Témoignage de Robert Antelme

L'Espèce humaine, Gallimard, 1996

Robert Antelme est philosophe. Entré en résistance, il est arrêté et déporté à Buchenwald puis transféré au Kommando de Gandersheim, constitué dʼenviron 500 détenus. En 1947, il rédige un témoignage sous la forme dʼune réflexion sur la condition du déporté dans lʼunivers concentrationnaire.

Les dimensions seules de notre Kommando entraînaient le contact étroit entre les détenus et l'appareil directeur SS. Le rôle des intermédiaires était dʼavance réduit au minimum.

Il se trouve qu'à Gandersheim, l'appareil intermédiaire était entièrement constitué par des détenus allemands de droit commun. Nous étions donc cinq cents hommes environ, qui ne pouvions éviter d'être en contact avec les SS, et encadrés non par des politiques, mais par des assassins, des voleurs, des escrocs, des sadiques ou des trafiquants de marché noir. Ceux-ci, sous les ordres des SS, ont été nos maîtres directs et absolus.

Il importe de marquer que la lutte pour le pouvoir entre les détenus politiques et les détenus de droit commun n'a jamais pris le sens d'une lutte entre deux factions qui auraient brigué le pouvoir. C'était la lutte entre des hommes dont le but était d'instaurer une légalité, dans la mesure où une légalité était encore possible dans une société conçue comme infernale, et des hommes dont le but était d'éviter à tout prix l'instauration de cette légalité, parce qu'ils pouvaient seulement fructifier dans une société sans lois. Sous eux ne pouvait régner que la loi SS toute nue. Pour vivre, et même bien vivre, ils ne pouvaient être amenés qu'à aggraver la loi SS. Ils ont joué en ce sens un rôle de provocateurs. Ils ont provoqué et maintenu parmi nous avec un acharnement et une logique remarquables l'état d'anarchie qui leur était nécessaire. Ils jouaient parfaitement le jeu. Non seulement ils s'affirmaient ainsi aux yeux des SS comme différents de nous par nature, ils apparaissaient aussi à leurs yeux comme des auxiliaires indispensables et méritaient effectivement de bien vivre. Affamer un homme pour avoir à le punir ensuite parce qu'il vole des épluchures et, de ce fait, mériter la récompense du SS et, par exemple, obtenir en récompense la soupe supplémentaire qui affamera davantage l'homme, tel était le schéma de leur tactique.

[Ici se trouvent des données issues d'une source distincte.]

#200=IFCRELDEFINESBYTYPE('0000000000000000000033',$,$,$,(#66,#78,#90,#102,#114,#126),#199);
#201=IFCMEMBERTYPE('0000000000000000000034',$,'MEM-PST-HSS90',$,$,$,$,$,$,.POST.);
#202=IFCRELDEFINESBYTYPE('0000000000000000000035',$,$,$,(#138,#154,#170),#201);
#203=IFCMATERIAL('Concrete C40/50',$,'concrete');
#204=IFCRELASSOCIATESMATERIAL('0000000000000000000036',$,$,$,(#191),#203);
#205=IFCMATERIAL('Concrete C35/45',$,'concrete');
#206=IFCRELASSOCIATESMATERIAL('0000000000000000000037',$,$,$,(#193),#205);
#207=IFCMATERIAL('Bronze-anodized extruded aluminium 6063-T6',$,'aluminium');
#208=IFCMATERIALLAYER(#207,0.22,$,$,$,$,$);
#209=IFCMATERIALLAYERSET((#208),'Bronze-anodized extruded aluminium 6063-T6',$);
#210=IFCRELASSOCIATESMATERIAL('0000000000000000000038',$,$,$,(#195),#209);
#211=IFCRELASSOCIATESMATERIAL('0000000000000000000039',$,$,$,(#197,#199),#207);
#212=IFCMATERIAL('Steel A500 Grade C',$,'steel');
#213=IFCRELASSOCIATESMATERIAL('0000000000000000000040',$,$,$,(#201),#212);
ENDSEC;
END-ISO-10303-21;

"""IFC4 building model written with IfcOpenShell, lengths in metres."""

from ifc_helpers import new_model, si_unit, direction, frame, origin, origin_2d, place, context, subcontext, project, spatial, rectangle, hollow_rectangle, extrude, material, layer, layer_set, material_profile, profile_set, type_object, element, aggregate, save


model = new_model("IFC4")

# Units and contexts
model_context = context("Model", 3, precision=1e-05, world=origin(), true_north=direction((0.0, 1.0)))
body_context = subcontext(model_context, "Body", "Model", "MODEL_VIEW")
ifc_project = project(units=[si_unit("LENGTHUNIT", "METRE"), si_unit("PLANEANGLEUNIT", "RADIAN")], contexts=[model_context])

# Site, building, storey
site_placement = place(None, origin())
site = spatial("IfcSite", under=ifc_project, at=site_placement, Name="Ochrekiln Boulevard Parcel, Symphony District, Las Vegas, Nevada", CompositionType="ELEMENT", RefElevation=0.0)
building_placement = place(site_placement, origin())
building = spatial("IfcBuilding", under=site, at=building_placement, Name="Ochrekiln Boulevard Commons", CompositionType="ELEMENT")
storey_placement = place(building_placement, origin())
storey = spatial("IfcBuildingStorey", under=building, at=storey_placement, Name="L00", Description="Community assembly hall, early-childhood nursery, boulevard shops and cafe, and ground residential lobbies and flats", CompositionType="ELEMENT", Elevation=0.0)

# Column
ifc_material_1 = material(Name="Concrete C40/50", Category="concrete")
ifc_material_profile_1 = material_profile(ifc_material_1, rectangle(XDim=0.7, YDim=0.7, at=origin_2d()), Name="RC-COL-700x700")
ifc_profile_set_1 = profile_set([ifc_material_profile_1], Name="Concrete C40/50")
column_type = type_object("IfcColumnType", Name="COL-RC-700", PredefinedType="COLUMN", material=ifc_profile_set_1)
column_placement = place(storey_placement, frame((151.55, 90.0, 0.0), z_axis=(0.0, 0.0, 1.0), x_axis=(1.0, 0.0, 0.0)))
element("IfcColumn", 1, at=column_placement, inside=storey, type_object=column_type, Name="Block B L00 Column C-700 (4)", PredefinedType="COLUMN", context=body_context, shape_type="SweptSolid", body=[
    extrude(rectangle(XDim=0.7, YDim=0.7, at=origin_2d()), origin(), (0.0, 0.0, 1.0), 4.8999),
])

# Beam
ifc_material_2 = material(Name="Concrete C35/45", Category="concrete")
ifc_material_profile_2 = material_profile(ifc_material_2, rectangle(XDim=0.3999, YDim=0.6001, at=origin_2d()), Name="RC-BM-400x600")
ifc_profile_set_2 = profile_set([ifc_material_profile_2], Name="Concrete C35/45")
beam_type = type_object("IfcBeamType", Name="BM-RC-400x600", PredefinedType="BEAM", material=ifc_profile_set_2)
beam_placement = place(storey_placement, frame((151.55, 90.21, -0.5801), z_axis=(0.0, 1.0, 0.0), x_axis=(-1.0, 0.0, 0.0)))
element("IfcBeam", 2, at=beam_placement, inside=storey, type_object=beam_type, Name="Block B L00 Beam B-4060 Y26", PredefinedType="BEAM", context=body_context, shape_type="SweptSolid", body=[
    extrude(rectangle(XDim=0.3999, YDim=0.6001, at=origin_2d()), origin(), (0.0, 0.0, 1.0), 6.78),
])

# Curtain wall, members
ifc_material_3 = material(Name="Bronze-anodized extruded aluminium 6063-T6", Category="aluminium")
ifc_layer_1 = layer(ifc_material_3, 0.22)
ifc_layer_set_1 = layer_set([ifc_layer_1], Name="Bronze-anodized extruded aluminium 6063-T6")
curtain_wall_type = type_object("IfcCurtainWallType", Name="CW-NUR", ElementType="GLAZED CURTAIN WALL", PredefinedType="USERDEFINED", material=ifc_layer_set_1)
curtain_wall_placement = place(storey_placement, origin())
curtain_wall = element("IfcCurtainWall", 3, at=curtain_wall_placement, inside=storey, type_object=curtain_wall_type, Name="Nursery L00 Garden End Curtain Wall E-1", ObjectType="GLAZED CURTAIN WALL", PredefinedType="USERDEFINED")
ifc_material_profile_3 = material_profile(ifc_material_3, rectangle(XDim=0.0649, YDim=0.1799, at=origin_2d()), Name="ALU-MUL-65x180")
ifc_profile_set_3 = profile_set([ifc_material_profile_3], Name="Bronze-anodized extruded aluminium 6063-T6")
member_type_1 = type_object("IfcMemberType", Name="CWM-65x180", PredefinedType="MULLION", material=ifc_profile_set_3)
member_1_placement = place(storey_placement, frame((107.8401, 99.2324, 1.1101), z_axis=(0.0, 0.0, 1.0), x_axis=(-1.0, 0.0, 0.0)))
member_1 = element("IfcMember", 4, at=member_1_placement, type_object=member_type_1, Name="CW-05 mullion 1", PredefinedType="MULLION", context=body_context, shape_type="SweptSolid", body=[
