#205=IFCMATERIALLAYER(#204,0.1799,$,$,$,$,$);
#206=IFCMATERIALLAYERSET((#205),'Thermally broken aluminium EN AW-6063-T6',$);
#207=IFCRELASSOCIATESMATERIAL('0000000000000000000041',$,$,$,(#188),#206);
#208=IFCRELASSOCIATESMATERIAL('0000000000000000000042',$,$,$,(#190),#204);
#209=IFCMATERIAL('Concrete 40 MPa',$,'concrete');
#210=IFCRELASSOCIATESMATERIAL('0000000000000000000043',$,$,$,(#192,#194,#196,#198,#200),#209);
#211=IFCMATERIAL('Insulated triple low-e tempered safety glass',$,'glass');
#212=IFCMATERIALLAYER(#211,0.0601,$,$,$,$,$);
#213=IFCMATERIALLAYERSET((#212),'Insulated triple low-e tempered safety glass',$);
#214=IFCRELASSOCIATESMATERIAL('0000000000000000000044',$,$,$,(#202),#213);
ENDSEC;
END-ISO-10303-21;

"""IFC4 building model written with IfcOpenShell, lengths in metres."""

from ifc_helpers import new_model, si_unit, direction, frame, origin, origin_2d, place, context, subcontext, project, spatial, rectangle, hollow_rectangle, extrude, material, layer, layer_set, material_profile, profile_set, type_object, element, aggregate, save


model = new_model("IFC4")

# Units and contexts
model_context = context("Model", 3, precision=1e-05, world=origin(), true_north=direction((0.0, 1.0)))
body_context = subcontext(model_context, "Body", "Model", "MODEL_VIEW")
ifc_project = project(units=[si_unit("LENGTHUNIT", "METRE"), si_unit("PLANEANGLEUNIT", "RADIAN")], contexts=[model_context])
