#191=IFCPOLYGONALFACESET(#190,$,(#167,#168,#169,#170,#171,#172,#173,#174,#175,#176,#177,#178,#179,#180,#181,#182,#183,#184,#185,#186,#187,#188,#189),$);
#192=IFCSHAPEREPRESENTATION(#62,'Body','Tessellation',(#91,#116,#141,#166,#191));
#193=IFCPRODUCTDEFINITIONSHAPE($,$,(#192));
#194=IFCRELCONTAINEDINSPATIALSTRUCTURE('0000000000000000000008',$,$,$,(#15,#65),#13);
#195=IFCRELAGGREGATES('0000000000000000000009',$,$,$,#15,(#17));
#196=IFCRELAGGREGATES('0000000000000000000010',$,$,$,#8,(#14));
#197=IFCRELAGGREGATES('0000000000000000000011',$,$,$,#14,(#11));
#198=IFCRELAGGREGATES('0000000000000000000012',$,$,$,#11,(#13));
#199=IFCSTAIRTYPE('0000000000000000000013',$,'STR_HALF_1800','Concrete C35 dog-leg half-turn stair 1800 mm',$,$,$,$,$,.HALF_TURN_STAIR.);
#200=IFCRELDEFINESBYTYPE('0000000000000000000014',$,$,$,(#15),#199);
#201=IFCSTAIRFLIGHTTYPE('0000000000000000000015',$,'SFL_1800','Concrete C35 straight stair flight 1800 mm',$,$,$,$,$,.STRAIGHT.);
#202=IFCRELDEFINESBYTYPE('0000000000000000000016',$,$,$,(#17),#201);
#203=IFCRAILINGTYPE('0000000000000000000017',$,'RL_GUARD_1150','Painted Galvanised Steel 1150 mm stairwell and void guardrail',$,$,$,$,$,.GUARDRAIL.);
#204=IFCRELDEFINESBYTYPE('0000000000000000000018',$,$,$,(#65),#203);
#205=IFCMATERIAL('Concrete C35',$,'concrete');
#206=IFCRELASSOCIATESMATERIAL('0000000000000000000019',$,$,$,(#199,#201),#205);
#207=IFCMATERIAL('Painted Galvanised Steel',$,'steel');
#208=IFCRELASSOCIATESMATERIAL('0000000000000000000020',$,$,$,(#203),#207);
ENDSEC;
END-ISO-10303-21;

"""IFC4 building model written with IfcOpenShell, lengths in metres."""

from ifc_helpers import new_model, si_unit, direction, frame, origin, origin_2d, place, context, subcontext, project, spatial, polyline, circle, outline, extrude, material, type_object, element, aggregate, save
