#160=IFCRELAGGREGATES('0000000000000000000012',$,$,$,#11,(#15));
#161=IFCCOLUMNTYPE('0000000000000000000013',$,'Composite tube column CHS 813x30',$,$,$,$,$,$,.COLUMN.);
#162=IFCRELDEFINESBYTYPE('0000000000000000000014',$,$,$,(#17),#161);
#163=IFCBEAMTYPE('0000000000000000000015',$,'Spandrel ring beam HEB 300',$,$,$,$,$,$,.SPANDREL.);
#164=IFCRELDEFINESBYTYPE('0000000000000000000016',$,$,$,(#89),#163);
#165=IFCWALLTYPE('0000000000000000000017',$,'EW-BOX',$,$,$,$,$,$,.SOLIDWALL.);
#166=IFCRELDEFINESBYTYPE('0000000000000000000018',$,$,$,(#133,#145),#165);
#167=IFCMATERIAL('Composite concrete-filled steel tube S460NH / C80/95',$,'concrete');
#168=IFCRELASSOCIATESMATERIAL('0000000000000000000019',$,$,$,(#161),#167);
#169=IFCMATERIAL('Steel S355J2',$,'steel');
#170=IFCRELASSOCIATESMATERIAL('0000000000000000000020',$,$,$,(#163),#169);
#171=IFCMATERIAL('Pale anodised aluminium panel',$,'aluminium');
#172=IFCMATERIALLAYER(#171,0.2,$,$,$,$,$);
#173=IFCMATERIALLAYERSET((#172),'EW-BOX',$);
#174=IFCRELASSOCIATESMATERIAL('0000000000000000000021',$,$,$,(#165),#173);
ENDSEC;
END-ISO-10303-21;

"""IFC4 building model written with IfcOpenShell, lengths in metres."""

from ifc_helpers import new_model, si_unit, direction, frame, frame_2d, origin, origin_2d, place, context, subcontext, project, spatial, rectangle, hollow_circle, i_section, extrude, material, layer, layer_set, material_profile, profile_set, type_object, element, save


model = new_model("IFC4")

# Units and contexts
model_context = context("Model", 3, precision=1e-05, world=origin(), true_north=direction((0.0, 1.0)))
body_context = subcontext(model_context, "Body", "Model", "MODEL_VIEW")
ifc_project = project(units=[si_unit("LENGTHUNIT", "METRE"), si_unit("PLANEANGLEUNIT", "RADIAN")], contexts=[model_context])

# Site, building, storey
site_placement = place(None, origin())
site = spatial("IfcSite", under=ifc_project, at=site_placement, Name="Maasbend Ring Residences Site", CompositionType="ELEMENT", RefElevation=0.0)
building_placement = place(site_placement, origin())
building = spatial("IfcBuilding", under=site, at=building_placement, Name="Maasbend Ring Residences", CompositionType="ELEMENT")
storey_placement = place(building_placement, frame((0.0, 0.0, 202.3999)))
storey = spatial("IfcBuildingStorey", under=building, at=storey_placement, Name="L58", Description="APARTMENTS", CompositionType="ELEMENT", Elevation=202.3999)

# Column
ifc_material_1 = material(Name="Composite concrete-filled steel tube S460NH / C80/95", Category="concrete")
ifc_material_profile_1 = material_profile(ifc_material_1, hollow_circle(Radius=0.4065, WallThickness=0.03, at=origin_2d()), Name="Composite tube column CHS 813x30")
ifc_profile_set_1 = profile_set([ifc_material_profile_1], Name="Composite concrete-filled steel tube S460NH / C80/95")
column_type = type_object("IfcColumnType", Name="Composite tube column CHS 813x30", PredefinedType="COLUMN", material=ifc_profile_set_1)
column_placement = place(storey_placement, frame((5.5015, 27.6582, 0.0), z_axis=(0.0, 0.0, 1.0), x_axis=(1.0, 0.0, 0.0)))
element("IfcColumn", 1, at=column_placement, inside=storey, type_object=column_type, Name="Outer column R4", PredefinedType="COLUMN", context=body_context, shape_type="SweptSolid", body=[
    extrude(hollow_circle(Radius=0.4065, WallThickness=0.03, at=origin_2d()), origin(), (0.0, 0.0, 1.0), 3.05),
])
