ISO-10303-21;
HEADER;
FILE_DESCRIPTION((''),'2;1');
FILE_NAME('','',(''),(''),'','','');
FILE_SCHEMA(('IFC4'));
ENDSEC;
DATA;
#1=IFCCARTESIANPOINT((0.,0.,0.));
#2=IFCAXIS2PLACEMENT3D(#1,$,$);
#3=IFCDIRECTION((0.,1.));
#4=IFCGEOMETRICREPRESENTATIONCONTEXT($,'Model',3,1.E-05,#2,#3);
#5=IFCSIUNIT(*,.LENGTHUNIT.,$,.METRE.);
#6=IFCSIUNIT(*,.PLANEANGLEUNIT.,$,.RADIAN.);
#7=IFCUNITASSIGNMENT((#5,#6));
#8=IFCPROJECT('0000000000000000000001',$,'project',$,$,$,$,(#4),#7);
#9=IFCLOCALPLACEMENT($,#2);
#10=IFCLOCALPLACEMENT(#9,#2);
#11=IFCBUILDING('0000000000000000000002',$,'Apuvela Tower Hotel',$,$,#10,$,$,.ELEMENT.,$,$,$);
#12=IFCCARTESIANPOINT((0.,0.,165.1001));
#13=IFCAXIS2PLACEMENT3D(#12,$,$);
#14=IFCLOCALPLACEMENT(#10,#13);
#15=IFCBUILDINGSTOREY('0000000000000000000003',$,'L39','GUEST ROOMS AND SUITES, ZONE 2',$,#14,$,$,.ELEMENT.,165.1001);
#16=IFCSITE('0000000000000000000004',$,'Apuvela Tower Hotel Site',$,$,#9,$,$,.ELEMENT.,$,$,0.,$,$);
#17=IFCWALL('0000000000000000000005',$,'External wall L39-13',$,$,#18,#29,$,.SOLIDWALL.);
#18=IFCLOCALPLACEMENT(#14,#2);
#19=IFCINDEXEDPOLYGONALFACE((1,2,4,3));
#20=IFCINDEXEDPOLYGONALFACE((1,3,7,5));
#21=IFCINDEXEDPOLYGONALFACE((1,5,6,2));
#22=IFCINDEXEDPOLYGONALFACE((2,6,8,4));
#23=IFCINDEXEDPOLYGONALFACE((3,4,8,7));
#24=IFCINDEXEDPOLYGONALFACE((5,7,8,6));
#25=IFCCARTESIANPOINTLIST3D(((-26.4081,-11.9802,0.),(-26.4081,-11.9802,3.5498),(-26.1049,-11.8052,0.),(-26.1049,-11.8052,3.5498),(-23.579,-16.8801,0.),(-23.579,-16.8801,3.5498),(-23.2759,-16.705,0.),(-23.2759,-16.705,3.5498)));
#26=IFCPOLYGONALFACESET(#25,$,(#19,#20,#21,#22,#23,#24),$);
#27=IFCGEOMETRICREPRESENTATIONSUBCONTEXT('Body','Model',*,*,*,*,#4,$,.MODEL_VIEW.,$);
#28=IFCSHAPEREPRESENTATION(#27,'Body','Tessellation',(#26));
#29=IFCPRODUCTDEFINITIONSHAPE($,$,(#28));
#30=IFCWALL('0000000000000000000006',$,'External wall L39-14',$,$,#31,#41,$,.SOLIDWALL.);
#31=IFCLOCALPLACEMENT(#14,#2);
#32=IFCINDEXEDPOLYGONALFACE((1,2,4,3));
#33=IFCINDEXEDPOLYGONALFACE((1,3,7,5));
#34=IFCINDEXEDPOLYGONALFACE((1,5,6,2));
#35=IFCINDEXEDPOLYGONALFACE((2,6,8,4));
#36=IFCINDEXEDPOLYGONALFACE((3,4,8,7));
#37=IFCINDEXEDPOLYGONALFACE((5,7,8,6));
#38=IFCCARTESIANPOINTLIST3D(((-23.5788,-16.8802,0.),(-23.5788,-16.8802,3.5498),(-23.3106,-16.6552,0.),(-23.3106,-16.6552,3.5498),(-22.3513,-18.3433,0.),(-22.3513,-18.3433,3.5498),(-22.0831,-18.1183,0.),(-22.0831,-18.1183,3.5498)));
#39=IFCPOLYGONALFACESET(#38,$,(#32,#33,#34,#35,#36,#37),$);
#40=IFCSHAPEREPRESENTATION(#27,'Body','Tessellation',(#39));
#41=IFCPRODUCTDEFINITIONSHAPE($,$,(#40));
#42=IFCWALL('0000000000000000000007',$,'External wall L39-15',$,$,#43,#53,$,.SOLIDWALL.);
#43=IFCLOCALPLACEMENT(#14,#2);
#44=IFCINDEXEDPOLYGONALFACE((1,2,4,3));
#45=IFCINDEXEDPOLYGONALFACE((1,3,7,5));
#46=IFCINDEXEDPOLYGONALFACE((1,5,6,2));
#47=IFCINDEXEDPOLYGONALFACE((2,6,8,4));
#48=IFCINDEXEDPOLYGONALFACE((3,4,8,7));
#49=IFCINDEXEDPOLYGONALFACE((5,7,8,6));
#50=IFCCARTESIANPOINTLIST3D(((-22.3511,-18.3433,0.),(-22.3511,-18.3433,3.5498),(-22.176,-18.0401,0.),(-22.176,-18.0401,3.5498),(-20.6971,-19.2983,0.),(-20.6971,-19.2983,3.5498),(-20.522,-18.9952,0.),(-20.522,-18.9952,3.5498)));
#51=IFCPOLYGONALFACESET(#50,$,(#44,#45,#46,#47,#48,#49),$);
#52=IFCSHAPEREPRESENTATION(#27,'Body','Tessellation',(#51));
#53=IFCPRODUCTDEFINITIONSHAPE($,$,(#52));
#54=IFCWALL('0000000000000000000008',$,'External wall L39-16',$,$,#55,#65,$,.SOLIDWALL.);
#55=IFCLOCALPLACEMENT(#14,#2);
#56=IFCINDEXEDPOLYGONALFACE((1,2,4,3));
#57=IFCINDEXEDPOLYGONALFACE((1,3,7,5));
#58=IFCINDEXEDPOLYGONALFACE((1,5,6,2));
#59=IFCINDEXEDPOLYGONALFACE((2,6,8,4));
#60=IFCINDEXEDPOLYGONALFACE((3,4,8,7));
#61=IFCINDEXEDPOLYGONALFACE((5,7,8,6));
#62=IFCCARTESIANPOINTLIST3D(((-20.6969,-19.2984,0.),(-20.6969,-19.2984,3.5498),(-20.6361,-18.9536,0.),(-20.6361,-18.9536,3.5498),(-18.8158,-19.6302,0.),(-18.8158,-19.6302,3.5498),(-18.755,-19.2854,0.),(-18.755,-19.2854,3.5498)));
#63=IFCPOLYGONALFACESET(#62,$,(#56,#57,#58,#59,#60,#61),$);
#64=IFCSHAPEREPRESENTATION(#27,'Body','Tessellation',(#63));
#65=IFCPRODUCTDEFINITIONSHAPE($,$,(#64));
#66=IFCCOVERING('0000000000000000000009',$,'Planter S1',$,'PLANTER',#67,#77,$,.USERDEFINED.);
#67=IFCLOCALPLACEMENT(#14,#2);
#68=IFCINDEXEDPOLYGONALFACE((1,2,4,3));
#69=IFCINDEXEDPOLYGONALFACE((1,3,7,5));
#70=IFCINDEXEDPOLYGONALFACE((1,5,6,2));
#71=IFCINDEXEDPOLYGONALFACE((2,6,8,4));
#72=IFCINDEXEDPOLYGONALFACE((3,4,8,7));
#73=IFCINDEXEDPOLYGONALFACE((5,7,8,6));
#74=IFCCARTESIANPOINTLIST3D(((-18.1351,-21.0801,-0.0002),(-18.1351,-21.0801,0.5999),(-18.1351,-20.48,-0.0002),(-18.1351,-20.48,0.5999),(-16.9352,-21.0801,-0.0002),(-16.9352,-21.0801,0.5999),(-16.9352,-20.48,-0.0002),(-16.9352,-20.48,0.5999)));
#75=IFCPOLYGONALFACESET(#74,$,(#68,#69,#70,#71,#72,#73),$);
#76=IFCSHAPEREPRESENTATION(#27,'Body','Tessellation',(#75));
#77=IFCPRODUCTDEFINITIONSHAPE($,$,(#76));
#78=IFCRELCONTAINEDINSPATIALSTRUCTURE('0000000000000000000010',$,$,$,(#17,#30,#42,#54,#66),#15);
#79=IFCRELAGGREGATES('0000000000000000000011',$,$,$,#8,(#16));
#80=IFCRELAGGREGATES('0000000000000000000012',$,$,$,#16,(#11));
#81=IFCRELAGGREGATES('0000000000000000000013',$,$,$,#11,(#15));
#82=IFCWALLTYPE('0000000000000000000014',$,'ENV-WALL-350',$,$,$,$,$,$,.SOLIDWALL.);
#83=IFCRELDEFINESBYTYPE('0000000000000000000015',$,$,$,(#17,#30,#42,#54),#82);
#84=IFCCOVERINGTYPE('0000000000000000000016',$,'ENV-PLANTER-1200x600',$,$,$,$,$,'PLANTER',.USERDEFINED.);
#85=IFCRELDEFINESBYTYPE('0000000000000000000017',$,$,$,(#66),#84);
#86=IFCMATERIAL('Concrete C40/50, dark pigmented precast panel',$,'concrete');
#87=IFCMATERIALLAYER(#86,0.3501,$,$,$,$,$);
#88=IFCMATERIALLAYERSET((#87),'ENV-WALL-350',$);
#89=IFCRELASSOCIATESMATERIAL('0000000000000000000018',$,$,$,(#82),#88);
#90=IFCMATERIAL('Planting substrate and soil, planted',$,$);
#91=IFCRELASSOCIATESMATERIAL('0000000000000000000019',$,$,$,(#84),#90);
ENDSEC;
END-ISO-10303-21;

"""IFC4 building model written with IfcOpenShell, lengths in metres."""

from ifc_helpers import new_model, si_unit, direction, frame, frame_2d, origin, origin_2d, place, context, subcontext, project, spatial, rectangle, extrude, material, layer, layer_set, type_object, element, save


model = new_model("IFC4")

# Units and contexts
model_context = context("Model", 3, precision=1e-05, world=origin(), true_north=direction((0.0, 1.0)))
body_context = subcontext(model_context, "Body", "Model", "MODEL_VIEW")
ifc_project = project(units=[si_unit("LENGTHUNIT", "METRE"), si_unit("PLANEANGLEUNIT", "RADIAN")], contexts=[model_context])

# Site, building, storey
site_placement = place(None, origin())
site = spatial("IfcSite", under=ifc_project, at=site_placement, Name="Apuvela Tower Hotel Site", CompositionType="ELEMENT", RefElevation=0.0)
building_placement = place(site_placement, origin())
building = spatial("IfcBuilding", under=site, at=building_placement, Name="Apuvela Tower Hotel", CompositionType="ELEMENT")
storey_placement = place(building_placement, frame((0.0, 0.0, 165.1001)))
storey = spatial("IfcBuildingStorey", under=building, at=storey_placement, Name="L39", Description="GUEST ROOMS AND SUITES, ZONE 2", CompositionType="ELEMENT", Elevation=165.1001)

# Walls
ifc_material_1 = material(Name="Concrete C40/50, dark pigmented precast panel", Category="concrete")
ifc_layer_1 = layer(ifc_material_1, 0.3501)
ifc_layer_set_1 = layer_set([ifc_layer_1], Name="ENV-WALL-350")
wall_type_1 = type_object("IfcWallType", Name="ENV-WALL-350", PredefinedType="SOLIDWALL", material=ifc_layer_set_1)
wall_1_placement = place(storey_placement, frame((-26.2566, -11.8926, 0.0), z_axis=(0.0, 0.0, 1.0), x_axis=(0.500019, -0.866015, 0.0)))
element("IfcWall", 1, at=wall_1_placement, inside=storey, type_object=wall_type_1, Name="External wall L39-13", PredefinedType="SOLIDWALL", context=body_context, shape_type="SweptSolid", body=[
    extrude(rectangle(XDim=5.658, YDim=0.3501, at=frame_2d((2.8291, 0.0))), origin(), (0.0, 0.0, 1.0), 3.5498),
])
for number, where, z_axis, x_axis, name in (
    (2, (-23.4448, -16.7676, 0.0), (0.0, 0.0, 1.0), (0.642733, -0.76609, 0.0), "External wall L39-14"),
    (3, (-22.2637, -18.1917, 0.0), (0.0, 0.0, 1.0), (0.866, -0.500043, 0.0), "External wall L39-15"),
):
    element("IfcWall", number, at=place(storey_placement, frame(where, z_axis=z_axis, x_axis=x_axis)), inside=storey, type_object=wall_type_1, Name=name, PredefinedType="SOLIDWALL", context=body_context, shape_type="SweptSolid", body=[
        extrude(rectangle(XDim=1.9099, YDim=0.3501, at=frame_2d((0.9551, 0.0))), origin(), (0.0, 0.0, 1.0), 3.5498),
    ])
wall_2_placement = place(storey_placement, frame((-20.6665, -19.126, 0.0), z_axis=(0.0, 0.0, 1.0), x_axis=(0.984799, -0.173698, 0.0)))
element("IfcWall", 4, at=wall_2_placement, inside=storey, type_object=wall_type_1, Name="External wall L39-16", PredefinedType="SOLIDWALL", context=body_context, shape_type="SweptSolid", body=[
    extrude(rectangle(XDim=1.9102, YDim=0.3501, at=frame_2d((0.9551, 0.0))), origin(), (0.0, 0.0, 1.0), 3.5498),
])

# Covering
ifc_material_2 = material(Name="Planting substrate and soil, planted")
covering_type = type_object("IfcCoveringType", Name="ENV-PLANTER-1200x600", ElementType="PLANTER", PredefinedType="USERDEFINED", material=ifc_material_2)
covering_placement = place(storey_placement, frame((-17.5352, -20.78, -0.0002), z_axis=(0.0, 0.0, 1.0), x_axis=(1.0, 0.0, 0.0)))
element("IfcCovering", 5, at=covering_placement, inside=storey, type_object=covering_type, Name="Planter S1", ObjectType="PLANTER", PredefinedType="USERDEFINED", context=body_context, shape_type="SweptSolid", body=[
    extrude(rectangle(XDim=1.2, YDim=0.6001, at=origin_2d()), origin(), (0.0, 0.0, 1.0), 0.6001),
])

save(model, "model.ifc")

Notre situation ne peut donc être assimilée à celle des détenus qui se trouvaient dans des camps ou dans des Kommandos ayant pour responsables des politiques. Même lorsque ces responsables politiques, comme il est arrivé, s'étaient laissés corrompre, il était rare qu'ils n'aient pas gardé un certain sens de l'ancienne solidarité et une haine de l'ennemi commun qui les empêchaient d'aller aux extrémités auxquelles se livraient sans retenue les droit commun.

A Gandersheim, nos responsables étaient nos ennemis.

L'appareil administratif étant donc l'instrument, encore aiguisé, de l'oppression SS, la lutte collective était vouée à l'échec. L'échec, c'était le lent assassinat par les SS et les Kapos réunis. Toutes les tentatives que certains d'entre nous entreprirent furent vaines.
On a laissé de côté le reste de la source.